WE WISH TO TIMELY RESOLVE ANY DISPUTES THAT YOU MAY HAVE WITH US. ACCORDINGLY, ANY CAUSE OF ACTION OR CLAIM YOU MAY HAVE ARISING OUT OF OR RELATING TO THIS AGREEMENT OR THE SERIVCES MUST BE COMMENCED WITHIN ONE (1) YEAR AFTER THE CAUSE OF ACTION ACCRUES OTHERWISE SUCH CAUSE OF ACTION OR CLAIM IS PERMANENTLY BARRED.
EACH OF THE PARTIES HERETO HEREBY WAIVES ANY RIGHT TO A TRIAL BY JURY IN ANY ACTION OR PROCEEDING TO ENFORCE OR DEFEND ANY RIGHTS UNDER THIS AGREEMENT. FURTHER, EACH OF THE PARTIES HERETO HEREBY WAIVES ANY RIGHT TO PARTICIPATE IN A CLASS ACTION AND INSTEAD, AGREES THAT ANY AND ALL DISPUTES SHALL BE RESOLVED ON AN INDIVIDUAL BASIS.

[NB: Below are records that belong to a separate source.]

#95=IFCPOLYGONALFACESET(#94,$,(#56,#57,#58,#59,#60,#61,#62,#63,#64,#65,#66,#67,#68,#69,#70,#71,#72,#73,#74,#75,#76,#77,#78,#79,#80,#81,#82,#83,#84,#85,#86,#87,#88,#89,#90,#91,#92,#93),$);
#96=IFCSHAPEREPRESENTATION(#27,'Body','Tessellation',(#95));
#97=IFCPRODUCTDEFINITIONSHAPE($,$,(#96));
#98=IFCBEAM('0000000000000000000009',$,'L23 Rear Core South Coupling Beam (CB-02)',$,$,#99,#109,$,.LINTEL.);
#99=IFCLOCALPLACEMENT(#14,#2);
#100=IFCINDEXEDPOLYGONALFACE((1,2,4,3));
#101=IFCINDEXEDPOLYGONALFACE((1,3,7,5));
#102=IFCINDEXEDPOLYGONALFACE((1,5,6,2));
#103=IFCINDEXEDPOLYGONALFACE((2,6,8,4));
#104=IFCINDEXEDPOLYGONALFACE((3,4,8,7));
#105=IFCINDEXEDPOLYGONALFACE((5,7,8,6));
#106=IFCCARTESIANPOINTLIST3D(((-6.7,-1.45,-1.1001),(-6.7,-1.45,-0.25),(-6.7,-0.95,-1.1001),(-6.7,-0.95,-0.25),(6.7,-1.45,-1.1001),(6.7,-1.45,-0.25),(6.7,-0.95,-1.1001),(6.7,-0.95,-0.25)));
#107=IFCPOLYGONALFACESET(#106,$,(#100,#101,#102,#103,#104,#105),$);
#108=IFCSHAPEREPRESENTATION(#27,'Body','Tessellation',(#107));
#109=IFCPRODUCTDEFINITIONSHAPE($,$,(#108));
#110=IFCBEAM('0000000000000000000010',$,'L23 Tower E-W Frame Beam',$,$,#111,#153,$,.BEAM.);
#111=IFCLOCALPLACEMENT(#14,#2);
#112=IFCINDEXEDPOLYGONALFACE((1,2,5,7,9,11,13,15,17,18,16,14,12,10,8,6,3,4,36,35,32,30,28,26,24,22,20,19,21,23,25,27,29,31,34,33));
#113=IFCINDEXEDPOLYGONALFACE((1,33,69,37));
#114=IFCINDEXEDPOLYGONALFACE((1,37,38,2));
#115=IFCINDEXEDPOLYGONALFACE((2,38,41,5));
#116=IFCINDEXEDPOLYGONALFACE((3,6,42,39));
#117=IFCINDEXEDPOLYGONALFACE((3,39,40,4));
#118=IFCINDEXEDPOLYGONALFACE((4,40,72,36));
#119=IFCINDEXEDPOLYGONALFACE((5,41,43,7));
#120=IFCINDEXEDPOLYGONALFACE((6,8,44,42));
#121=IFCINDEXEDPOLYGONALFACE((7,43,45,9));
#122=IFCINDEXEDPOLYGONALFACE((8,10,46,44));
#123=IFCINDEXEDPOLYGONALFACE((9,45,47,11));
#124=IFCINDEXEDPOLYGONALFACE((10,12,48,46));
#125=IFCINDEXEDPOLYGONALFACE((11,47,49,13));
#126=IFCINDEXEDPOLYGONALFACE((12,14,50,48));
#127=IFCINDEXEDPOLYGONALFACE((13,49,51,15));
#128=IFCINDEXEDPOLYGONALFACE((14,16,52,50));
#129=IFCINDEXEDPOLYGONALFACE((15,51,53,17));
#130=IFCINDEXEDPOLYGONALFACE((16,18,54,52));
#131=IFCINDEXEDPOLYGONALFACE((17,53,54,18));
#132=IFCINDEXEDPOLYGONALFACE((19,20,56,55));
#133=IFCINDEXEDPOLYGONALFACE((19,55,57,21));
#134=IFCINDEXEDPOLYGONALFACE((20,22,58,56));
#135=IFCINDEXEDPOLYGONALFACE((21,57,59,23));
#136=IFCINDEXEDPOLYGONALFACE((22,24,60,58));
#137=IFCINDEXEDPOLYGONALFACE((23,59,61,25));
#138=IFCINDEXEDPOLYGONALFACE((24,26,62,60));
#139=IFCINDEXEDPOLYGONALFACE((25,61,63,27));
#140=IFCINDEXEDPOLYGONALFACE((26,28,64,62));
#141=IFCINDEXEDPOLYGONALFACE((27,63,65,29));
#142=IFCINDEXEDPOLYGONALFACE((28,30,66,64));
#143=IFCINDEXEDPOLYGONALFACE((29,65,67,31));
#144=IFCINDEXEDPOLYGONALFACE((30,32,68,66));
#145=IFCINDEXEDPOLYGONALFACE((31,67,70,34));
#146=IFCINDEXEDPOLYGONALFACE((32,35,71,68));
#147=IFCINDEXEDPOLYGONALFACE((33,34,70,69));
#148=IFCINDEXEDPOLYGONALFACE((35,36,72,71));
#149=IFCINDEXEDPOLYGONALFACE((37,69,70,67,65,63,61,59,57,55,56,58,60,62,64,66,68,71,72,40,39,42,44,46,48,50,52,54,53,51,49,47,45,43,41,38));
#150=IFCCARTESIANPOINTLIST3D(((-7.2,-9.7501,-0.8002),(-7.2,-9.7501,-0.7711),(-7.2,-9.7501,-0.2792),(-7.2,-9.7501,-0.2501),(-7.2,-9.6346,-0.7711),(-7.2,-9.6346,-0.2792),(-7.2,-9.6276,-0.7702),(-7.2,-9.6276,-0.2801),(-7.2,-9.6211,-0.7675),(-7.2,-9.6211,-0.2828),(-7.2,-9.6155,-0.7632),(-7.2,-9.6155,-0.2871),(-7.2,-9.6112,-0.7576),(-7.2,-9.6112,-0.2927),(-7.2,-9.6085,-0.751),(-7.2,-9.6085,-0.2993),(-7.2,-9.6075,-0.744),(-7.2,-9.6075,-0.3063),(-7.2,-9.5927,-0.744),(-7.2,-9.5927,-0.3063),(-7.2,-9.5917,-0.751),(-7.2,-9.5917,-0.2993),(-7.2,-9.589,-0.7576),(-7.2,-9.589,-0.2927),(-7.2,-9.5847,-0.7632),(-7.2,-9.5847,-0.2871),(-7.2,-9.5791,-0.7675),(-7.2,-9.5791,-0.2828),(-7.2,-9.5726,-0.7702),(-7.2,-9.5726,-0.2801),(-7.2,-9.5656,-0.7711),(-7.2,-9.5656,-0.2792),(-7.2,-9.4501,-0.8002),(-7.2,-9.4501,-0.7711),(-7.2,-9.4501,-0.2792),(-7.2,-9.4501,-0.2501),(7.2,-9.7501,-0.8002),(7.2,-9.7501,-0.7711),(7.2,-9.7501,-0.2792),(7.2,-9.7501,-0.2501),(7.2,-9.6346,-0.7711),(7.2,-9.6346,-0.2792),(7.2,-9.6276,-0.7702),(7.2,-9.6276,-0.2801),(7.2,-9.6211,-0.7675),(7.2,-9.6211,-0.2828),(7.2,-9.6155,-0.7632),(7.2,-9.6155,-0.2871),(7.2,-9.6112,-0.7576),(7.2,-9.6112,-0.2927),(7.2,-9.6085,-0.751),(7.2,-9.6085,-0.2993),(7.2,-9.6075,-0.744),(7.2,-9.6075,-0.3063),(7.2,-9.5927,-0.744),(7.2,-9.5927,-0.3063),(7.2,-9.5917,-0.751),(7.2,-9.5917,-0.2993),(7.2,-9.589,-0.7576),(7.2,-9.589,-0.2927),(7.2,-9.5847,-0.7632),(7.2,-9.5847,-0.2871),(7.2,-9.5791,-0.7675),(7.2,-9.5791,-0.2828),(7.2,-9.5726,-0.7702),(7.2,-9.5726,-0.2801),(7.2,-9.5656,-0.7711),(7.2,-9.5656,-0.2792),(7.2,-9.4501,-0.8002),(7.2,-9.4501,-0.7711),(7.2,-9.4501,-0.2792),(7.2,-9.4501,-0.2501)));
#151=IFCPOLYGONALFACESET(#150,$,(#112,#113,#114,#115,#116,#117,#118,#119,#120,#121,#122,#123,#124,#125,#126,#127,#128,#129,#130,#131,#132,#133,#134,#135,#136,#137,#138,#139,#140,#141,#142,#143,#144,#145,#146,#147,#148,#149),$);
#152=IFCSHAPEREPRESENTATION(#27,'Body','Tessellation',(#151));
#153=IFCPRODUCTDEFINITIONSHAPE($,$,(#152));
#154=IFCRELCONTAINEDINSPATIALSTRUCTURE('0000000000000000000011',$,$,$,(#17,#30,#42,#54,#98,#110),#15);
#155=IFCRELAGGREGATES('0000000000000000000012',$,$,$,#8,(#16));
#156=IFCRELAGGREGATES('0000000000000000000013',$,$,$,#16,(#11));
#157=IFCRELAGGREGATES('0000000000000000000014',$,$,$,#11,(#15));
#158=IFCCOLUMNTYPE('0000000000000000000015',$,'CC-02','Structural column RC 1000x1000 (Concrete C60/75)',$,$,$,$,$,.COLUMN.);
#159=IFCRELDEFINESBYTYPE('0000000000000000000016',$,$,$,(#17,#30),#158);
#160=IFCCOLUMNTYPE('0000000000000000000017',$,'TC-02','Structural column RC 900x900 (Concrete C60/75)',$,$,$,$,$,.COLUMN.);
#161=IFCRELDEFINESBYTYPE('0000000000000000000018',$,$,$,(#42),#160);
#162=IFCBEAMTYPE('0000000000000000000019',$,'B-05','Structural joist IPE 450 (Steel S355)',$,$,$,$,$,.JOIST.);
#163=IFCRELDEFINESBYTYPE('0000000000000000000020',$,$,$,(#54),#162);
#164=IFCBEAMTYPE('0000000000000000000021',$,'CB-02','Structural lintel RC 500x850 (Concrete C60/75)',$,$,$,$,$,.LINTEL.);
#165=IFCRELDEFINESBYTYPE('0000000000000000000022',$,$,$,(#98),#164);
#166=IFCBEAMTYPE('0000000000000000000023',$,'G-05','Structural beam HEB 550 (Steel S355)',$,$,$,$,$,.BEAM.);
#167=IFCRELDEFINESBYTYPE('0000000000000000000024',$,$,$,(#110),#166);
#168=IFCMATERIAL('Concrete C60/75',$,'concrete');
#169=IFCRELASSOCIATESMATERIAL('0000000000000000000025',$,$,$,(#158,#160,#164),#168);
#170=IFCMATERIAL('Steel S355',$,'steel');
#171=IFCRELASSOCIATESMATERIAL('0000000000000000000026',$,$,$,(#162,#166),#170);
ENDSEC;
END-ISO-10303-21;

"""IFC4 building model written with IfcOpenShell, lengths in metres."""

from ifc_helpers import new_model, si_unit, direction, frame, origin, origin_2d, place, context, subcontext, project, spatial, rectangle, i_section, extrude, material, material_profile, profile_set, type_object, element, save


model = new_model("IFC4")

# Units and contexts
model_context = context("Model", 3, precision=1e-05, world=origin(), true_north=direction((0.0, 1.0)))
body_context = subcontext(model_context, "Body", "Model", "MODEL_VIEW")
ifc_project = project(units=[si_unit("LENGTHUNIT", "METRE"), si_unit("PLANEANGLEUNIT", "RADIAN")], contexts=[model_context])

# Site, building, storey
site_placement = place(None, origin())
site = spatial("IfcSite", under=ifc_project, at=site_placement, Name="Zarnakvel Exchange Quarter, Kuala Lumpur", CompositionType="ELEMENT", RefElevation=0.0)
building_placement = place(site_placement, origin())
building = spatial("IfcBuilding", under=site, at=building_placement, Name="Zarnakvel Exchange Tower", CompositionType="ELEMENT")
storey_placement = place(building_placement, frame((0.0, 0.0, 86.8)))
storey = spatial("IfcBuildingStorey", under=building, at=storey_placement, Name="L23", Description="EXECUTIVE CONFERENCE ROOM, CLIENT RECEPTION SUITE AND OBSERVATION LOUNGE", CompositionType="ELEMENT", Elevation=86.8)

If any provision of this Agreement is illegal or unenforceable under applicable law, the remainder of the provision will be amended to achieve as closely as possible the effect of the original term and all other provisions of this Agreement will continue in full force and effect.
No failure to exercise, and no delay in exercising, on the part of either party, any right or any power hereunder shall operate as a waiver thereof, nor shall any single or partial exercise of any right or power hereunder preclude further exercise of that or any other right hereunder.

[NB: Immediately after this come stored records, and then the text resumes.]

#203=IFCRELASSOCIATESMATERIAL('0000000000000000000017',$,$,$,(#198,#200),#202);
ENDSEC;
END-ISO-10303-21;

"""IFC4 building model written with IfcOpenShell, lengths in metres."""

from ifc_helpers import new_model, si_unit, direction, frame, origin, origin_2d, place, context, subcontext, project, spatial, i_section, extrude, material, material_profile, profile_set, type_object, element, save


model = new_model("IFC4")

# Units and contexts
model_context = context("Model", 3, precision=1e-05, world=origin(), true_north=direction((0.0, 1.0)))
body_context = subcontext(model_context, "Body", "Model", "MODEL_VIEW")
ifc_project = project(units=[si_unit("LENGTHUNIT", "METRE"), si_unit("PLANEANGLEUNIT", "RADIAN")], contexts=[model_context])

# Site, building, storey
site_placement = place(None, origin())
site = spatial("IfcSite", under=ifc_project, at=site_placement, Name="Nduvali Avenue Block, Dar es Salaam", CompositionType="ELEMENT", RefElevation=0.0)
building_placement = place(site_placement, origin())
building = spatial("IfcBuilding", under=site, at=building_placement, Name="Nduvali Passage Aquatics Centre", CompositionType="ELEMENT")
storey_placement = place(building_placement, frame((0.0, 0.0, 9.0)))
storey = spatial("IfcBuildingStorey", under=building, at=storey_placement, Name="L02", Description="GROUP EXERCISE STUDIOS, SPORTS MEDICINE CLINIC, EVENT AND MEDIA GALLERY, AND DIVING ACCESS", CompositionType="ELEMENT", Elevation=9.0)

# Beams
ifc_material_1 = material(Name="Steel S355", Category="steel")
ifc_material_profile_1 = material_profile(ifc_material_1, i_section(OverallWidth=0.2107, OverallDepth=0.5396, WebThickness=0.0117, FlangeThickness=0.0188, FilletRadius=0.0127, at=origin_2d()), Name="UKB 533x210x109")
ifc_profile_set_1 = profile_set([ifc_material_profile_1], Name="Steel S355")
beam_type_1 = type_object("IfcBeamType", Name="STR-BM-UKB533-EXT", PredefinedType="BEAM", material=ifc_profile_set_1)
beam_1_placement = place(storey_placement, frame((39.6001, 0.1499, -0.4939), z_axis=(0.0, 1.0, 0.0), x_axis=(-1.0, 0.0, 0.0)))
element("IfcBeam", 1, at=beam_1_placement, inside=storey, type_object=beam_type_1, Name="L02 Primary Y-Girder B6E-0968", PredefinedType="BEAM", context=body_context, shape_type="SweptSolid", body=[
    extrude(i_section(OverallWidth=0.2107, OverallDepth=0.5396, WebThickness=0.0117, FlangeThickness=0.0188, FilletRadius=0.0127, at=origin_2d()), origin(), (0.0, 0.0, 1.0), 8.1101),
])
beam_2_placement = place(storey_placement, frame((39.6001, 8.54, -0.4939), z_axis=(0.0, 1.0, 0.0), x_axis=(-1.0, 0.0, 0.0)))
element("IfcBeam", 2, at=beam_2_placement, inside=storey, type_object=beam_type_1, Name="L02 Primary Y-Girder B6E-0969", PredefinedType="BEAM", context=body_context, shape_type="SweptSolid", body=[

You may not assign any of your rights or delegate any of your duties under this Agreement or the Privacy Policy. Company may assign this Agreement without your consent to, a subsidiary or affiliate, an acquirer of Company’s equity, business or assets, or to a successor by merger. Except as otherwise expressly provided herein, this Agreement shall bind and inure to the benefit of the successors, assigns, heirs, executors and administrators of the parties hereto.

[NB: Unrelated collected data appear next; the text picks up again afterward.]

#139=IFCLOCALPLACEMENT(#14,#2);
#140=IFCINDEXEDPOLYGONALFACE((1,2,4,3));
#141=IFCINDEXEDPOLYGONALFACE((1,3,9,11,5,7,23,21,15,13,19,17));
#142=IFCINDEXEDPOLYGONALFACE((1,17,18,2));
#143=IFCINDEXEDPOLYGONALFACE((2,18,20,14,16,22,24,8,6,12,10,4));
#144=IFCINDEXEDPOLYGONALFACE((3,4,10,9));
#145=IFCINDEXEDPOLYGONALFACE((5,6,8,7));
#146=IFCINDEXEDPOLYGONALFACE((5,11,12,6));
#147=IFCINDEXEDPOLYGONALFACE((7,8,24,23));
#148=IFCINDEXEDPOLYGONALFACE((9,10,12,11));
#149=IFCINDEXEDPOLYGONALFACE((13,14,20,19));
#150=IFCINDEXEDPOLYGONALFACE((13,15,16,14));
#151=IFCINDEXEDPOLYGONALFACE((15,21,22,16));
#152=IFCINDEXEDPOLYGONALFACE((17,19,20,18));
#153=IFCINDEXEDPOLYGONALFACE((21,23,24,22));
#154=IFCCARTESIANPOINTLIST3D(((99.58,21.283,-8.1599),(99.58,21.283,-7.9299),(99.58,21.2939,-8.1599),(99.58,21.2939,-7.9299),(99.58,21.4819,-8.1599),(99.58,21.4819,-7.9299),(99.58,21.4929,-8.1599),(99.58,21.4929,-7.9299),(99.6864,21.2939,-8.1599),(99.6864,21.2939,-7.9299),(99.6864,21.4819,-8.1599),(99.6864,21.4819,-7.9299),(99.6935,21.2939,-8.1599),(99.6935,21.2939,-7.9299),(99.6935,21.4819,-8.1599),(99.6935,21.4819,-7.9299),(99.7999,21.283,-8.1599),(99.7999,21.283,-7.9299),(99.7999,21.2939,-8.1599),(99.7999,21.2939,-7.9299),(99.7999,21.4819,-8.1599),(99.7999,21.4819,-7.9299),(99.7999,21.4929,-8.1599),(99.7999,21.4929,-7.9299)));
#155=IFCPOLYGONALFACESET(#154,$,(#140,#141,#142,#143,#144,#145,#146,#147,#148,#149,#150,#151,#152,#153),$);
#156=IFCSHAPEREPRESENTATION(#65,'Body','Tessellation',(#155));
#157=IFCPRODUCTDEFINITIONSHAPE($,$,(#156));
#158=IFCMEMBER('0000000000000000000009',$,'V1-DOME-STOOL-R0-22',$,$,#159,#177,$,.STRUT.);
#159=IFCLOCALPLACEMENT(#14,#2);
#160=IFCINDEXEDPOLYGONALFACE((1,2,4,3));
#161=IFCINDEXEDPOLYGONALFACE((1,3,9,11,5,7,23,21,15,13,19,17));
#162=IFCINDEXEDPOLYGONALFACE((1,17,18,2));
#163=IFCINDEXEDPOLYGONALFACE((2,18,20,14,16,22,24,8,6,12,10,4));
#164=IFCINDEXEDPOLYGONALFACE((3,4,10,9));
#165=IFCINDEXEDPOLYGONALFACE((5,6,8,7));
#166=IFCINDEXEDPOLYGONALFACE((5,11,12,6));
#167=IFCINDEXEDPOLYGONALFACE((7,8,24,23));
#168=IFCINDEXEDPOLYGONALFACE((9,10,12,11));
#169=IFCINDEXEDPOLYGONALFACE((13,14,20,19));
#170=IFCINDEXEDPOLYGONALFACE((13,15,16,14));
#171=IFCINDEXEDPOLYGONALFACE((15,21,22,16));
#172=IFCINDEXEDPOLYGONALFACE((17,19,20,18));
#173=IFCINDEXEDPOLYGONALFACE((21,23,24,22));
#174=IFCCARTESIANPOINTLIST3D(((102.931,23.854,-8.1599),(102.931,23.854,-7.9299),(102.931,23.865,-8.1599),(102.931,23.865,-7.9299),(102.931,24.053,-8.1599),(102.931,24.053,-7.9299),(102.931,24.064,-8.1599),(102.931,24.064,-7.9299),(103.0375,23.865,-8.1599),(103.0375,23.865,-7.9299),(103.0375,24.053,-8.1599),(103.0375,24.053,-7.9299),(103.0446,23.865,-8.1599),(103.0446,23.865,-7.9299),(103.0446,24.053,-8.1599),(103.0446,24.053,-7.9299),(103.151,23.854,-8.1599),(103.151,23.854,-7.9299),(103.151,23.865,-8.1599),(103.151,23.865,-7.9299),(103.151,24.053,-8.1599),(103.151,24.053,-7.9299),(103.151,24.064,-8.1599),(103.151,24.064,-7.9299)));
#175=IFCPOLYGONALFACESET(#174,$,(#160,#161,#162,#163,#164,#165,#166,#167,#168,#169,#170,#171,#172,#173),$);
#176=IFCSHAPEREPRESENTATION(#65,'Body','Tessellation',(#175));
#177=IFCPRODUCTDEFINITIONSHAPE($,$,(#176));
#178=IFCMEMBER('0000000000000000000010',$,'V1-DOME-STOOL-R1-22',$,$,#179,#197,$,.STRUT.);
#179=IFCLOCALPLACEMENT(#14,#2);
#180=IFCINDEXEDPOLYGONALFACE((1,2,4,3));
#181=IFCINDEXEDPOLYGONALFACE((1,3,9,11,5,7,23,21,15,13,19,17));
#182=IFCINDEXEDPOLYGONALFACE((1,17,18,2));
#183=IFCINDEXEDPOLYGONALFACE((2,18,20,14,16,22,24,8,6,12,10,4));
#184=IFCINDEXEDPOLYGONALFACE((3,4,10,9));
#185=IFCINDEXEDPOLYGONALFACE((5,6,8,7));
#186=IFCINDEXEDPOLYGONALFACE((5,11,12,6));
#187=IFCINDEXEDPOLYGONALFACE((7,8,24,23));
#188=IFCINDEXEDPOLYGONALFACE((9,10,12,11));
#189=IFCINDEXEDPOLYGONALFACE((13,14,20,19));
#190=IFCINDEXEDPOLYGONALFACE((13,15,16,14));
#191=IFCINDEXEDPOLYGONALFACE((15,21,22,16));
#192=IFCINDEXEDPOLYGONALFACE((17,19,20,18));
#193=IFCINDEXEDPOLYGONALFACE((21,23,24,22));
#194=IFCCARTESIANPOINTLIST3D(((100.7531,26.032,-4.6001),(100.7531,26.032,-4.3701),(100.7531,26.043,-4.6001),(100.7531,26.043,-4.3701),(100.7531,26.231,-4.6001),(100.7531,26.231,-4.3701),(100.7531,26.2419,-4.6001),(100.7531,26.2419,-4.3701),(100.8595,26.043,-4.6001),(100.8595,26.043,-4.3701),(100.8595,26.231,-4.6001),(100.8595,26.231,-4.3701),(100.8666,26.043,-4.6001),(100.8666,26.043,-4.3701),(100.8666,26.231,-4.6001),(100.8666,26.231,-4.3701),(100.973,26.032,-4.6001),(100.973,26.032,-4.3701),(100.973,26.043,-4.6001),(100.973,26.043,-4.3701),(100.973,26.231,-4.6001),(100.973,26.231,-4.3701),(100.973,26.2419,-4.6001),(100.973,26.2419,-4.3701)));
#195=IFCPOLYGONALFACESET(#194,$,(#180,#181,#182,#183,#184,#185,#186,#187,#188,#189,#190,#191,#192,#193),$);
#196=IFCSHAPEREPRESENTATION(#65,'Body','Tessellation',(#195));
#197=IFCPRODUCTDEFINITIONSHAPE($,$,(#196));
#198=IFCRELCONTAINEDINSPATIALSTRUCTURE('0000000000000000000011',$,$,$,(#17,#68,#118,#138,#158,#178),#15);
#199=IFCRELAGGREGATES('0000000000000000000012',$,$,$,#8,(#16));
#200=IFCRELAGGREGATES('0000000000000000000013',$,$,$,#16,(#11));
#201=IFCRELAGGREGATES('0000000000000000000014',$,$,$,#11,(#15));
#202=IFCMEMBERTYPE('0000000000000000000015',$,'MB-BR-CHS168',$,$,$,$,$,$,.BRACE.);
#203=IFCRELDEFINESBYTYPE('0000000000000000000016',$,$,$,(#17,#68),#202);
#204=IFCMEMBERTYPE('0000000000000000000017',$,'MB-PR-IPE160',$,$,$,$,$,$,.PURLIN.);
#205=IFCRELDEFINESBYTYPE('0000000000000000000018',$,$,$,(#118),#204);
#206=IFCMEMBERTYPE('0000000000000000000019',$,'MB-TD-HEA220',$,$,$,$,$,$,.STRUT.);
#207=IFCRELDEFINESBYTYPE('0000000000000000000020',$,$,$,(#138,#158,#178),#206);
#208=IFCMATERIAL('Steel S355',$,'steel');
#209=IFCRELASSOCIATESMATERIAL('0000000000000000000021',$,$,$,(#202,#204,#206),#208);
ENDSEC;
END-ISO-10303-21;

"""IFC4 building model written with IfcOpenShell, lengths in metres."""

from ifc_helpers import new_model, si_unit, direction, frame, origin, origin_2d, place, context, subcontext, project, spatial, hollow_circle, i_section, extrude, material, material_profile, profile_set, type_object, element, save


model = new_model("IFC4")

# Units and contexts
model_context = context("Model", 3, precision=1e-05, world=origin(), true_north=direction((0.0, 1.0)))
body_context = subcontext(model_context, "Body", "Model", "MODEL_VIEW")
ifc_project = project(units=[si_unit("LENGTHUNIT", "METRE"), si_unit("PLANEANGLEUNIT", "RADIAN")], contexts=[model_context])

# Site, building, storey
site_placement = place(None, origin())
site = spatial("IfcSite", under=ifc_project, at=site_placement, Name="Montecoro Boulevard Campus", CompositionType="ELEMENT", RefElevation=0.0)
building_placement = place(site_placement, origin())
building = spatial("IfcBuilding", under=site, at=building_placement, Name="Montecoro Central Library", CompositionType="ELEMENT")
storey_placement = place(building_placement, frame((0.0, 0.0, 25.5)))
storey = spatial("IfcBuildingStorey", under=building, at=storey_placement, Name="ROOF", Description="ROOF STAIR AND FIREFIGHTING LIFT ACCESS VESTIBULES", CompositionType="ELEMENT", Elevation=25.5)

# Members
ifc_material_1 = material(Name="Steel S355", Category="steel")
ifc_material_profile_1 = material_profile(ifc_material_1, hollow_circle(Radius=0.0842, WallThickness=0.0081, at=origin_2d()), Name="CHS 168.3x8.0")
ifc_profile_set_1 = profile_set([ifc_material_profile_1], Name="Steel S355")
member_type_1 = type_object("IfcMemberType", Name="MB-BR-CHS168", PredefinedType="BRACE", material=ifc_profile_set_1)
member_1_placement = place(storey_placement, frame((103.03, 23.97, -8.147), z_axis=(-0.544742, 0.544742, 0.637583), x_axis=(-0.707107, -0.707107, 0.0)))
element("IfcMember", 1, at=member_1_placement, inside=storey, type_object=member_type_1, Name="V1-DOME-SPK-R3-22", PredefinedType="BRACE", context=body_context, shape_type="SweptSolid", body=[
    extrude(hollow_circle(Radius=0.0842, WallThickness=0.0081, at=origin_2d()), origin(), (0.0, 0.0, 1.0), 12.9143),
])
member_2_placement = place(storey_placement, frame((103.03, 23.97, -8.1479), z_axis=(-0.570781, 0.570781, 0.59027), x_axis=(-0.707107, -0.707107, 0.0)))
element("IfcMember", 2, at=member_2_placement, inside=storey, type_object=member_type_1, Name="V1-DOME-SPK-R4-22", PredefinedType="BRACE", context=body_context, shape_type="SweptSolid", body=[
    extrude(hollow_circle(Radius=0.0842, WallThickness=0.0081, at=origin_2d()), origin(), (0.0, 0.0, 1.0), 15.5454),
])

From time to time, Company may, in its sole discretion, change, modify, supplement or remove portions of this Agreement. Such changes shall become effective upon the posting of the revised Agreement or upon sending you an email or other notification. You will be deemed to have agreed to such change by continuing to use the Services following the date in which such changes become effective.
This Agreement and our Privacy Policy constitute the entire agreement between you and Company with respect to the Services and supersede all prior or contemporaneous understandings and agreements, whether written or oral, with respect to the Services. Our provision of marketing services may be subject to another agreement with you, which is distinct and separate from the Services and terms set forth under this Agreement.